Trois ans durant, la journaliste Anne-Sophie Martin a enquêté, fouillé, et récolté des éléments sur cette affaire qui ne cesse de fasciner, pour en tirer un ouvrage intitulé Le Disparu, publié aux éditions Ring. A partir des écrits abondants du suspect clef, l'auteur établit un récit sous forme romanesque et dessine, documents authentiques à l'appui, la trame d'une fuite parfaitement orchestrée. Celle qui est aussi secrétaire générale de l'Association de la presse judiciaire a répondu aux questions d'Europe 1.

Votre ouvrage se base principalement sur des écrits authentiques (notamment un courriel morbide de Xavier Dupont de Ligonnès à deux amis, quelques mois avant le drame. "Au pied du mur", il écrit : "Une décision définitive à prendre : suicide seul ou collectif") et à partir desquels vous avez reconstruit un récit romanesque. Pourquoi avoir procédé de cette façon ? 

J'apporte un éclairage sur la façon dont cette idée est née, a germé dans son esprit. Dans ce livre, j'ai mis bout à bout tous les textes que Xavier Dupont de Ligonnès avait adressés à sa femme, à ses deux amis… Certains documents – pas tous - étaient déjà connus des initiés, mais n'avaient jamais été interprétés de cette façon. C'est le rapprochement que je fais de ces écrits qui dessine la trame d'un passage à l'acte : comme si vous aviez l'annonce de la commission des faits à quelques mois du crime. La correspondance entre ses écrits et les faits est frappante. Par exemple, dans la dernière lettre à sa maîtresse, tout début avril 2011, il écrit : "Personne ne pourra me retrouver". 
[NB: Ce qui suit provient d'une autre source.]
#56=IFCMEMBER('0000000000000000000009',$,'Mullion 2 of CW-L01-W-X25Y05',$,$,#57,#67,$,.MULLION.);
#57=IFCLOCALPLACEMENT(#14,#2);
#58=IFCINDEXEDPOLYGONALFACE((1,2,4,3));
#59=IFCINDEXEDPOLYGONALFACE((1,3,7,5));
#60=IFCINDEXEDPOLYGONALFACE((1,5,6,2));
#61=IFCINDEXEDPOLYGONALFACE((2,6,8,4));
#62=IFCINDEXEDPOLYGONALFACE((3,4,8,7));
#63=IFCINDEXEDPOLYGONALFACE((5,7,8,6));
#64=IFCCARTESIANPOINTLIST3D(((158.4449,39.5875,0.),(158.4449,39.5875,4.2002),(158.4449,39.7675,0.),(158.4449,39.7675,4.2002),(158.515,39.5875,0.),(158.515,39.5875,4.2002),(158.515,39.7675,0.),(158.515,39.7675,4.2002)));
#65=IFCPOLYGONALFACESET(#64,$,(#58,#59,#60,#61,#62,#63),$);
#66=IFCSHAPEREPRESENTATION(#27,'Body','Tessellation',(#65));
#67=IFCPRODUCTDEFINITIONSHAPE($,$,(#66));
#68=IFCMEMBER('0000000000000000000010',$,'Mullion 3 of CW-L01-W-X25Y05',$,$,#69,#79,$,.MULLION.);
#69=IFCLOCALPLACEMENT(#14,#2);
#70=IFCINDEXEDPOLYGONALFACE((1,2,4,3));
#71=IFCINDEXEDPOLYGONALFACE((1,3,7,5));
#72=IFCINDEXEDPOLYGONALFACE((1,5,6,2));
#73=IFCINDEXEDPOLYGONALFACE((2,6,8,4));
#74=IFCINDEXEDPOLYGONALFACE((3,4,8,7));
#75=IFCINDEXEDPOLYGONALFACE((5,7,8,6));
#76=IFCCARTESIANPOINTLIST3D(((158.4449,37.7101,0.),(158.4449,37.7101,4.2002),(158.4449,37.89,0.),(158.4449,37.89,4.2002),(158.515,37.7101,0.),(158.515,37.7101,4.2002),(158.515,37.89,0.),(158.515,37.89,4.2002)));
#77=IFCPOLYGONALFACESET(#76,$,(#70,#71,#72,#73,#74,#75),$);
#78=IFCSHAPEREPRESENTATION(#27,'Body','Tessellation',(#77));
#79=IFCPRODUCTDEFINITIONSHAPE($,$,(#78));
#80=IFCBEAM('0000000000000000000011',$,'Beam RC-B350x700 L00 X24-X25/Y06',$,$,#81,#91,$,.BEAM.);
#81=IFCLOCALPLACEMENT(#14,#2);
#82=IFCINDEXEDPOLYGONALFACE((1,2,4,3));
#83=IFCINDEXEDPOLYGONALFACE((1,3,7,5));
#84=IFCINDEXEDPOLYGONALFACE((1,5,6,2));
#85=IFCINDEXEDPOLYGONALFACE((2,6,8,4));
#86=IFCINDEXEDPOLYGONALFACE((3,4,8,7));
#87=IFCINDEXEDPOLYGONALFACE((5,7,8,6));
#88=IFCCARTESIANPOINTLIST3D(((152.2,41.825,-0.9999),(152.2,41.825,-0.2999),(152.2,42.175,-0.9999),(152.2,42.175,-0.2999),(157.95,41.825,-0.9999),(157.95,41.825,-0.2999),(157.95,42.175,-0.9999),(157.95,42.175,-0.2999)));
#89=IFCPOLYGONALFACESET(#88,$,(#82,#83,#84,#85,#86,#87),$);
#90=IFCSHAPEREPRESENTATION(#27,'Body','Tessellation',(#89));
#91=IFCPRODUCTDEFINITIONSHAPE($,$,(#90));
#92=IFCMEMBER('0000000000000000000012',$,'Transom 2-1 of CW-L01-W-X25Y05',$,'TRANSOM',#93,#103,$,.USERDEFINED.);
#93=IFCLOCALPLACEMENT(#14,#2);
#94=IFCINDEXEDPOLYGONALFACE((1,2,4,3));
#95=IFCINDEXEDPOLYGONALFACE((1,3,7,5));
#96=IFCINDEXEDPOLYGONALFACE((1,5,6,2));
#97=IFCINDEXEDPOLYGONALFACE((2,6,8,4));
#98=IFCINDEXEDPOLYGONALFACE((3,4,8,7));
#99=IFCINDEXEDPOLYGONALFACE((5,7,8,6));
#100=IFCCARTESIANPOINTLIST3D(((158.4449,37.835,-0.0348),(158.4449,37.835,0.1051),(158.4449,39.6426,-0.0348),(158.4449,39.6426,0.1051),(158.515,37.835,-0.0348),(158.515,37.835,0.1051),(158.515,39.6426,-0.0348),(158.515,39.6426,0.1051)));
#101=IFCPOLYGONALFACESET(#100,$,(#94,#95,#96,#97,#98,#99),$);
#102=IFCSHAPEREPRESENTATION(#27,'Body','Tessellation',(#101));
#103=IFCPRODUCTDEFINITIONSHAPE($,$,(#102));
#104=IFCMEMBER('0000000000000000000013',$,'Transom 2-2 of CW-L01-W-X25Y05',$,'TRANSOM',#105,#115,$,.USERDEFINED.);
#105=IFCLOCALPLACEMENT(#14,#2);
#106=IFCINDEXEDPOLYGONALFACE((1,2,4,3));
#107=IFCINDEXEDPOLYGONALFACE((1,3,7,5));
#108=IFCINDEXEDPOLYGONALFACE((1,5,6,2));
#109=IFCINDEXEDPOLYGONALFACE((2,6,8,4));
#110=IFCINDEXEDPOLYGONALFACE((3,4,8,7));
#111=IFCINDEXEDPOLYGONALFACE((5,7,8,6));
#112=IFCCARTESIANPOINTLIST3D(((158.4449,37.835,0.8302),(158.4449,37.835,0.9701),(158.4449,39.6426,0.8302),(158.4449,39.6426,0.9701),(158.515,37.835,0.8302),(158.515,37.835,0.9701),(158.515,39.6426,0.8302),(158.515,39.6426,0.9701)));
Pourquoi avoir choisi de raconter cette histoire en particulier, sur laquelle beaucoup de choses ont déjà été dites ?  

J'avais travaillé dessus plusieurs mois pour Envoyé Spécial, deux ans après les faits, en 2013. Depuis, l'idée m'a toujours accompagnée, préoccupée. Surtout, il ne se passe jamais rien dans ce dossier, sauf de fausses informations, et j'ai acquis la conviction que les affaires mystérieuses, non élucidées, pouvaient susciter un intérêt considérable, d'autant plus celle-ci, qui recouvre plein d'aspects exceptionnels.

D'abord le milieu dans lequel cela s'est passé : un milieu bourgeois catholique, des notables de province, bien sous tous rapports, où survient une tuerie familiale. La personnalité de l'absent sort totalement de la route, c'est quelqu'un qui n'était même pas connu pour avoir brûlé un feu rouge et qui se retrouve soupçonné d'avoir commis un quintuple meurtre. Et puis, il laisse beaucoup trop de traces. Or, toutes ces traces ont contribué à brouiller les pistes, c'est un paradoxe assez exceptionnel. Il y a quelque chose de totalement insaisissable dans cette affaire depuis cinq ans et demi : plus on avançait, moins on en savait.  

Vous surnommez Xavier Dupont de Ligonnès "l'absent", "le disparu"… Et à la fin de l'ouvrage, vous lui offrez une nouvelle vie, à l'étranger. Quelle est votre intime conviction ?

Ce n'est pas un crime parfait, car on a retrouvé les corps, qui étaient toutefois très bien cachés. En revanche, la disparition, elle, est parfaite : cinq ans et demi après tout le monde se demande encore s'il est mort ou s'il est vivant. Sa construction psychologique me laisse à penser que ce n'est pas quelqu'un de suicidaire.